When my son was in the high school jazz band, I attended the school’s winter concert. Two years earlier, I’d attended much the same concert when my daughter sang with the madrigal singers. Each concert ended with an interpretive dance -- in fact, the same interpretive dance, performed to the Carol of the Bells by high school girls in long white skirts and holding electric candles.
It could have been pretentious, but their lovely, hopeful energy was too poignant to be mocked. I felt their youth like a tangible being -- not naive, but truly innocent of how life pitched and turned. I wanted to call out after them, “Hang on tight!”

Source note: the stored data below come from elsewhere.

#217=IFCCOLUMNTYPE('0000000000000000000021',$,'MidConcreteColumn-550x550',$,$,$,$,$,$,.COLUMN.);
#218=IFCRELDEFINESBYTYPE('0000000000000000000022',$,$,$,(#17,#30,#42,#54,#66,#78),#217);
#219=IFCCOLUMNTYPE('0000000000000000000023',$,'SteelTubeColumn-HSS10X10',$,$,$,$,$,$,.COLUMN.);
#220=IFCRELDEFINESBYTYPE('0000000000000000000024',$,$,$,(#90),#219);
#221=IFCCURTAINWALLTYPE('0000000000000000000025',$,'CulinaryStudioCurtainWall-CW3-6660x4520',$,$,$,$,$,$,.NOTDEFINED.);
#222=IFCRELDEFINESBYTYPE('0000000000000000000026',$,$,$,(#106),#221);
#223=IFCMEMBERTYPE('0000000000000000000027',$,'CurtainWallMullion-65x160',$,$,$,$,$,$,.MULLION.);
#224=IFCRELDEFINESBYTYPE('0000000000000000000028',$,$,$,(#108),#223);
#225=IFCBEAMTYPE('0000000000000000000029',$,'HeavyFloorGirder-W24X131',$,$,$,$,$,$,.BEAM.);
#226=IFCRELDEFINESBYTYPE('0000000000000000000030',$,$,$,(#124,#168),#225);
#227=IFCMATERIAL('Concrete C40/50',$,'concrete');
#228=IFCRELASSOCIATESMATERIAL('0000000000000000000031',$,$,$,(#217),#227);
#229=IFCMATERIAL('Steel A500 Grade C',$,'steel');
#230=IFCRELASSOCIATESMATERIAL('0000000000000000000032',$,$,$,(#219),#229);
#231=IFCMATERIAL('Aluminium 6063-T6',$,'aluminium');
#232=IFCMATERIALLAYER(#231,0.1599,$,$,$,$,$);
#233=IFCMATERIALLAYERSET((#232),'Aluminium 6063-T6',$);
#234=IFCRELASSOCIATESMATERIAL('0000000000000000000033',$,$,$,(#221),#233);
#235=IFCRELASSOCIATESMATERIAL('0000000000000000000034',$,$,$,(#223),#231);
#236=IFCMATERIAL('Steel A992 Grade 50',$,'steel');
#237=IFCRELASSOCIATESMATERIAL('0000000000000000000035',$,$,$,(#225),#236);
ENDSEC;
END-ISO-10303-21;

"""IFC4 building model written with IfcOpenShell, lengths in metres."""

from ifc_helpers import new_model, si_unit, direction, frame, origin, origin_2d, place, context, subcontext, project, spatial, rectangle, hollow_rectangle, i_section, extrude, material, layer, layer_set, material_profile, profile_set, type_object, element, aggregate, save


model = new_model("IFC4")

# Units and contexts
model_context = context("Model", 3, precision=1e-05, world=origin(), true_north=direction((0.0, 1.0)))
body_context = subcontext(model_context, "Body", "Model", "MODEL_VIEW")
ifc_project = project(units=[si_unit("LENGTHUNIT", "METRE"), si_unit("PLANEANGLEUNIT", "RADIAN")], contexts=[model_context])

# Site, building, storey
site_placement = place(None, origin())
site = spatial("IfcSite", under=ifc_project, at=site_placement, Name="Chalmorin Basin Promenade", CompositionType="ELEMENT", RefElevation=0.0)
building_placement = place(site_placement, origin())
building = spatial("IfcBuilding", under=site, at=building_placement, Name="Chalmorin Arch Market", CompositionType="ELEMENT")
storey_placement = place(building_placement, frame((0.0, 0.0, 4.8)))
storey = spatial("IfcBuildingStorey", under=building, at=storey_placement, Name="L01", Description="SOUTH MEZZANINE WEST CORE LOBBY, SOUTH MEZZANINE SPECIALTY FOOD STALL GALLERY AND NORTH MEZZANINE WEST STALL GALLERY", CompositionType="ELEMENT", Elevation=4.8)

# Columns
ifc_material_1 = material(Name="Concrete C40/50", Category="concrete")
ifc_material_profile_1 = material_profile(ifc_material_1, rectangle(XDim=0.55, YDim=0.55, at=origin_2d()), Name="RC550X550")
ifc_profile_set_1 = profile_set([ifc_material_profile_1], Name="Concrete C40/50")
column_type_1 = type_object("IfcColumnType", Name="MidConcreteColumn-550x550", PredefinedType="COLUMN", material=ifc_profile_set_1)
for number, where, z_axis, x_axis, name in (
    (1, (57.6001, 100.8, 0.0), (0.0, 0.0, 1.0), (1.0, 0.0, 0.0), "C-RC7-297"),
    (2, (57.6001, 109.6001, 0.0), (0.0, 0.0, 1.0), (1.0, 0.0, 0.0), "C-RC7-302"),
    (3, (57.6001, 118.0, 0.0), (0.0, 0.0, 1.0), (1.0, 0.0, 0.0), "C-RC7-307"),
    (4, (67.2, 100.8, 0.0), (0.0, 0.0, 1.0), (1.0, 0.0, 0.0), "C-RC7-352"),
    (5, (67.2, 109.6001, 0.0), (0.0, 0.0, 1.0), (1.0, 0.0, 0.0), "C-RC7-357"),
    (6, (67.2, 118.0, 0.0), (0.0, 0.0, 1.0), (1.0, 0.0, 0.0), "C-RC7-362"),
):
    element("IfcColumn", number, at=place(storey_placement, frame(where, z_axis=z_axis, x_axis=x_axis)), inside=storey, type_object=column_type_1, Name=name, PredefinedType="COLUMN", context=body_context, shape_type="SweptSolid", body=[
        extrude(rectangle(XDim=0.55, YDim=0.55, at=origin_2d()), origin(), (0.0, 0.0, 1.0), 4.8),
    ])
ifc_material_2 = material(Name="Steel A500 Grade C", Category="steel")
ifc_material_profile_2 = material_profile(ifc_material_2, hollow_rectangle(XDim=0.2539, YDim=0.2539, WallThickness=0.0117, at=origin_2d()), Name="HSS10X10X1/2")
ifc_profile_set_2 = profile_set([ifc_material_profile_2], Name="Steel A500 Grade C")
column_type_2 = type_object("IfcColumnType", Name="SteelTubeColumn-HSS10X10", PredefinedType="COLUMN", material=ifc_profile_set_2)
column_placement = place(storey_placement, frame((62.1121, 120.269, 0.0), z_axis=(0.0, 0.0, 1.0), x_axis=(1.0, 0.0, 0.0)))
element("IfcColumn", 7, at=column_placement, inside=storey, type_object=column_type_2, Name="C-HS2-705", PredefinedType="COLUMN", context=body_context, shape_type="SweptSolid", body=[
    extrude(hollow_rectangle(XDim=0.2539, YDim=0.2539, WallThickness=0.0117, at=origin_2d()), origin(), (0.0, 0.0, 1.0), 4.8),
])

Not all of them would make it, I knew. Some would founder on the obvious -- drugs, drinking. Some would get too hurt by sex, or, seeing how vulnerable it could make them, would use it like a battle lance while shutting themselves inside an emotional coat of mail.

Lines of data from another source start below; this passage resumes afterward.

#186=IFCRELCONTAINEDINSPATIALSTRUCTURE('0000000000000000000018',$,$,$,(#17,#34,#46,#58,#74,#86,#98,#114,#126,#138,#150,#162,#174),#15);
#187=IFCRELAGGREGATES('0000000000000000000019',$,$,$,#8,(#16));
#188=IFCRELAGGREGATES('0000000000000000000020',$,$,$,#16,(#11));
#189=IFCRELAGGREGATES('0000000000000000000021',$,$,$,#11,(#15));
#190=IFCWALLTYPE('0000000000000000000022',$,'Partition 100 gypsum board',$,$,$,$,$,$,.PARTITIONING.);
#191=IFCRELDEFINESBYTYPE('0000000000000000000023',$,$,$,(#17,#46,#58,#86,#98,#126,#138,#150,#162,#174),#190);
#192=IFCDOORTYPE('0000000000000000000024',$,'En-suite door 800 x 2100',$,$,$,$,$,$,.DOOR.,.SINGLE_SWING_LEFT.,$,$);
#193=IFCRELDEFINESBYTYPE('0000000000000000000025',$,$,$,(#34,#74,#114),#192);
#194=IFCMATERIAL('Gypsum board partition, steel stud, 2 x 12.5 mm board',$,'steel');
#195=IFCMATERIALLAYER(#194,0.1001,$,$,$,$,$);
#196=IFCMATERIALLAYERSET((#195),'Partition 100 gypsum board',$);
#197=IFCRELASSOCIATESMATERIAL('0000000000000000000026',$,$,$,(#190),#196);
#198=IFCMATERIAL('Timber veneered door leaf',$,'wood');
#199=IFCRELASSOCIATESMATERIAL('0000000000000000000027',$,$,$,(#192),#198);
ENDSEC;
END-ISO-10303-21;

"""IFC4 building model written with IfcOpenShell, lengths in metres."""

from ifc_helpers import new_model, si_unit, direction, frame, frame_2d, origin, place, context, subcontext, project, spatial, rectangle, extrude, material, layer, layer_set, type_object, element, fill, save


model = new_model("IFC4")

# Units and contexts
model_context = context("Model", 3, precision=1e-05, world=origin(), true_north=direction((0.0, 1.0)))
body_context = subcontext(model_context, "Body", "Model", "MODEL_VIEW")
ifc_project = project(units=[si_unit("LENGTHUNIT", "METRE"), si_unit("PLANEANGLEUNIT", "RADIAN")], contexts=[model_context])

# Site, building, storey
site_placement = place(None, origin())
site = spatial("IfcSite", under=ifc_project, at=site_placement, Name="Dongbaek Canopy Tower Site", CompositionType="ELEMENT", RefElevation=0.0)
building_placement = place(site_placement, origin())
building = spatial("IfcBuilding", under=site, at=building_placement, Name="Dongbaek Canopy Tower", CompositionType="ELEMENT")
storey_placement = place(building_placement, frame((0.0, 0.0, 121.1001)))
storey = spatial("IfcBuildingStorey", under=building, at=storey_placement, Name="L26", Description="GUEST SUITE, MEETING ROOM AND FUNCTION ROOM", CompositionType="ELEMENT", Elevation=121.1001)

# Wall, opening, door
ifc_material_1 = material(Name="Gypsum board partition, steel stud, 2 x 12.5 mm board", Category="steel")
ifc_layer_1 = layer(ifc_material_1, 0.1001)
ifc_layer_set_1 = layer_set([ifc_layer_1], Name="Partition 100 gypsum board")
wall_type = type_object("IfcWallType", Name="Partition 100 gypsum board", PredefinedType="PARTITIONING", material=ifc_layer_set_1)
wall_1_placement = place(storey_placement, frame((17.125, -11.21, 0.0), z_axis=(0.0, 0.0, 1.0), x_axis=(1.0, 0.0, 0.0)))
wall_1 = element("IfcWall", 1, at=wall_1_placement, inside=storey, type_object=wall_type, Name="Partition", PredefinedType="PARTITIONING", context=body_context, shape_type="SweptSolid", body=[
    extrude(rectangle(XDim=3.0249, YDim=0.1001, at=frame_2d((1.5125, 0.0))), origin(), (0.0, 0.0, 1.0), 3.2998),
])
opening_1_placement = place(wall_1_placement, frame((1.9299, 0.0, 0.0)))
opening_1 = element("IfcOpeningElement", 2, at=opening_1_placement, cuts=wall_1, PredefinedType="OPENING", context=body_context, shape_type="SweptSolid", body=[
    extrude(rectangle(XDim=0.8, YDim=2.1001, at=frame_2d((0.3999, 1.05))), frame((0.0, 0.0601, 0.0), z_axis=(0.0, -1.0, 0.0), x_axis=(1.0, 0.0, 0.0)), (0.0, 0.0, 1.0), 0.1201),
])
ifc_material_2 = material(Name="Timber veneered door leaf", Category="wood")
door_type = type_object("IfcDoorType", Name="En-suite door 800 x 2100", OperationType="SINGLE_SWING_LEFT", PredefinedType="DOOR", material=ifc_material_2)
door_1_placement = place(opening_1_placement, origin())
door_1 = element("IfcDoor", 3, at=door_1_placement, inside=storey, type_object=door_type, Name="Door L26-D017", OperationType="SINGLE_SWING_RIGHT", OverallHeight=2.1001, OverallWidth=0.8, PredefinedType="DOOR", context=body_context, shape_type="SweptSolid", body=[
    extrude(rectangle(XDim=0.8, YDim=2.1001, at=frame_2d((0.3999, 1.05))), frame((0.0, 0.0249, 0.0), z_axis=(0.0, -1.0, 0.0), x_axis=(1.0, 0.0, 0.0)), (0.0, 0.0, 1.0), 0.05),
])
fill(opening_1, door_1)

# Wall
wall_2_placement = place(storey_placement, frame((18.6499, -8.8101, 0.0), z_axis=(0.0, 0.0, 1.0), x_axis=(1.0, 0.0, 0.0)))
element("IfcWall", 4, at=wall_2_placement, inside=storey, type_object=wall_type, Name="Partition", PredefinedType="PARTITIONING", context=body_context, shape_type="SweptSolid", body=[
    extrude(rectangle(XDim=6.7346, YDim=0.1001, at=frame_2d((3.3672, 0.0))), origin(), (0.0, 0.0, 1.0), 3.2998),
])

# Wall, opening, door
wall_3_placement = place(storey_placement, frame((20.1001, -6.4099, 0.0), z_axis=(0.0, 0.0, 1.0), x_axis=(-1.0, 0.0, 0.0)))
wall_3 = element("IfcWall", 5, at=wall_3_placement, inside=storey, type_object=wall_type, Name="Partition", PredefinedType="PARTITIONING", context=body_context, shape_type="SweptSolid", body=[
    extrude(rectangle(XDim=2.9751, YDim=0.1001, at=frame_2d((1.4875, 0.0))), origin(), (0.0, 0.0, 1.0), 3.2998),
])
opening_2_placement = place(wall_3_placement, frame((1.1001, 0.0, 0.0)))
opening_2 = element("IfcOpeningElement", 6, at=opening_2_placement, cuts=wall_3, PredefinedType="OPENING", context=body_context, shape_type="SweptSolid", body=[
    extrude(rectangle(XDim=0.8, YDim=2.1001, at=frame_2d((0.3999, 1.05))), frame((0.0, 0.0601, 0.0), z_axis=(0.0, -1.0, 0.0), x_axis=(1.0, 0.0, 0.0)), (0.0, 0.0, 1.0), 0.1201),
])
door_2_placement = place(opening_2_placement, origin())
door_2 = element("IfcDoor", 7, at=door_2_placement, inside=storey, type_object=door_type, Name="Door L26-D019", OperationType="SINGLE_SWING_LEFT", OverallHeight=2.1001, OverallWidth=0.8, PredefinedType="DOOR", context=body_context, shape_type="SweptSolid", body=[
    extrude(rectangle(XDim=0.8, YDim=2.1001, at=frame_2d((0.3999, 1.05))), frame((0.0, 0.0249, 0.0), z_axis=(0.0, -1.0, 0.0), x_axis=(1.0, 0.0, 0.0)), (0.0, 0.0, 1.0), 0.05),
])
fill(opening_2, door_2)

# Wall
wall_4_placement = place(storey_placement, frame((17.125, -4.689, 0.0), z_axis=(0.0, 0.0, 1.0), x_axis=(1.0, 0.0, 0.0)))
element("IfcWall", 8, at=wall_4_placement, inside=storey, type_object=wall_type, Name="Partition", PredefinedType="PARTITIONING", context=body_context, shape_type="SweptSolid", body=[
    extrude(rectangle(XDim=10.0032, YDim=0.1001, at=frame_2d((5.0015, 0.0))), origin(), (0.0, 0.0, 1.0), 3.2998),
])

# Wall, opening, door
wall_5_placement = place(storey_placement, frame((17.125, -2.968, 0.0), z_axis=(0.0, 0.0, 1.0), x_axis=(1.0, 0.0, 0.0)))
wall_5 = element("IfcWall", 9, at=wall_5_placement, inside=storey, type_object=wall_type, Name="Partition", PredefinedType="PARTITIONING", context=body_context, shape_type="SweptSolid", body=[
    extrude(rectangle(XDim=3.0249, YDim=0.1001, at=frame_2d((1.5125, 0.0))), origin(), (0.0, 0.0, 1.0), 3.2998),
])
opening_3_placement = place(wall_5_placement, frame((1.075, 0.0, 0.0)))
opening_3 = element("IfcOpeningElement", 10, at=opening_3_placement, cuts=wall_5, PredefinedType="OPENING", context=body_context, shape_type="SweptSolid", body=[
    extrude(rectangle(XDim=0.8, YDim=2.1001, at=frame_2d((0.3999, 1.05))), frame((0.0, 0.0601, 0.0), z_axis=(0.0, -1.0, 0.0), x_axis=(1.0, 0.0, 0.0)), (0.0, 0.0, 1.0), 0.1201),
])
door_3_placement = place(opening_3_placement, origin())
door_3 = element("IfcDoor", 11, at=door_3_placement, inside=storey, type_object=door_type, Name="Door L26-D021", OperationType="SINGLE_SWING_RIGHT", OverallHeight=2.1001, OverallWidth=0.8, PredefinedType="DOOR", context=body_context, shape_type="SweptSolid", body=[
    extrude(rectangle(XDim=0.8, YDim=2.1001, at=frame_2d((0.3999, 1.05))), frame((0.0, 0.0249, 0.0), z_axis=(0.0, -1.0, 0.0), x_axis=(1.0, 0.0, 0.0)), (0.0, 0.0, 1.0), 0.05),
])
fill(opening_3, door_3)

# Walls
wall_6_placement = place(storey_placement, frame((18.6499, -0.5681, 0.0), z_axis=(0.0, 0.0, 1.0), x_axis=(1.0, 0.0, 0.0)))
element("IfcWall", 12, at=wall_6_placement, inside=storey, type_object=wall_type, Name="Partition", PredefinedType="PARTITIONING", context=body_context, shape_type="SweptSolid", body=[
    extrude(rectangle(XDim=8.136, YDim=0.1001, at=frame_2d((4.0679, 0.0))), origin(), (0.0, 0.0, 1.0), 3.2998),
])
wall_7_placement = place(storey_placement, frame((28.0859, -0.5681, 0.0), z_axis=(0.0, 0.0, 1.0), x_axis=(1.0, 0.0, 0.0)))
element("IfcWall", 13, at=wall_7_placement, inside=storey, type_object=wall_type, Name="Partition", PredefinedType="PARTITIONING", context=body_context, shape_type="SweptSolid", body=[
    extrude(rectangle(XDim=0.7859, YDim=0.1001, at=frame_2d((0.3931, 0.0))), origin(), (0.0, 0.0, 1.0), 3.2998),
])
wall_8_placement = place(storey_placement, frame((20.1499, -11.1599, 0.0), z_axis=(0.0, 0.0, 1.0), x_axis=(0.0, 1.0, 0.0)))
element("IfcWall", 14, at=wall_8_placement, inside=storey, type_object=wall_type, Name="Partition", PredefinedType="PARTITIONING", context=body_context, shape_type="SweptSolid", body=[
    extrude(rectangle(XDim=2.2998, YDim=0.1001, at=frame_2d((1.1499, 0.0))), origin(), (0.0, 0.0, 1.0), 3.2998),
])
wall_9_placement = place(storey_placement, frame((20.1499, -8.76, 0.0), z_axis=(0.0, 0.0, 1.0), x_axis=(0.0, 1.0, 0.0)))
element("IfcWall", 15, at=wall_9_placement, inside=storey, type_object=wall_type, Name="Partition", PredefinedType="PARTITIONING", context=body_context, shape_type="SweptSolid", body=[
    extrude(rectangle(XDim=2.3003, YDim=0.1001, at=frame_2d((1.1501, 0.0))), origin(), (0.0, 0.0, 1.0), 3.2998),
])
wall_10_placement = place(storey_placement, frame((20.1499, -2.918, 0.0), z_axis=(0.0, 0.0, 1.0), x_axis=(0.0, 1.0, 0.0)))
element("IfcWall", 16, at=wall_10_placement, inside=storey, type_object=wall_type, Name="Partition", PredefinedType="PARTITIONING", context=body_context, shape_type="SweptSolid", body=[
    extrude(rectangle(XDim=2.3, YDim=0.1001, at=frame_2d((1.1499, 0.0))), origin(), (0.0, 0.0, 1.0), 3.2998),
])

Others would get farther. Some would live a tragedy, lost a breast, lose a child. Those remaining would look around, surprised or guilty, wondering why they’d been spared. And years from now, everything they thought they knew would be in question; I hoped they’d be flexible enough to withstand that when it came. The very luckiest and sturdiest would make it all the way, with some piece of herself, in white, still recognizable.
I would not have told them any of this. They needed their strong youth, with bright unknowing eyes, to launch themselves into life. It’s not that we wouldn’t do it if we knew what was ahead, or even that we’d do it differently, Rather, it is more that not knowing helped us collect experience unburdened by suspicion. Regret, harder to elude, was heavy enough.
The concert took place in a former chapel. I don’t regularly sit in church buildings anymore, and perhaps the building itself brought a parable to mind -- one about seed being sown, landing all over the place, and the different fates of the seeds. When I was listening as a little girl in church, the priests always tried to put a moral on it. “So make sure you are not a pile of rocks, but deep, rich soil for the seed to sprout.”
Even as a child, I thought it more interesting and to the point to ponder the carelessness of the sower. But I think they’d missed the real meaning. There is no additional moral needed to this story. It is a helpful illustration of the randomness of life, a reminder that can comfort us when we want to know, “Why?” and the cosmic answer is, “No reason, really.”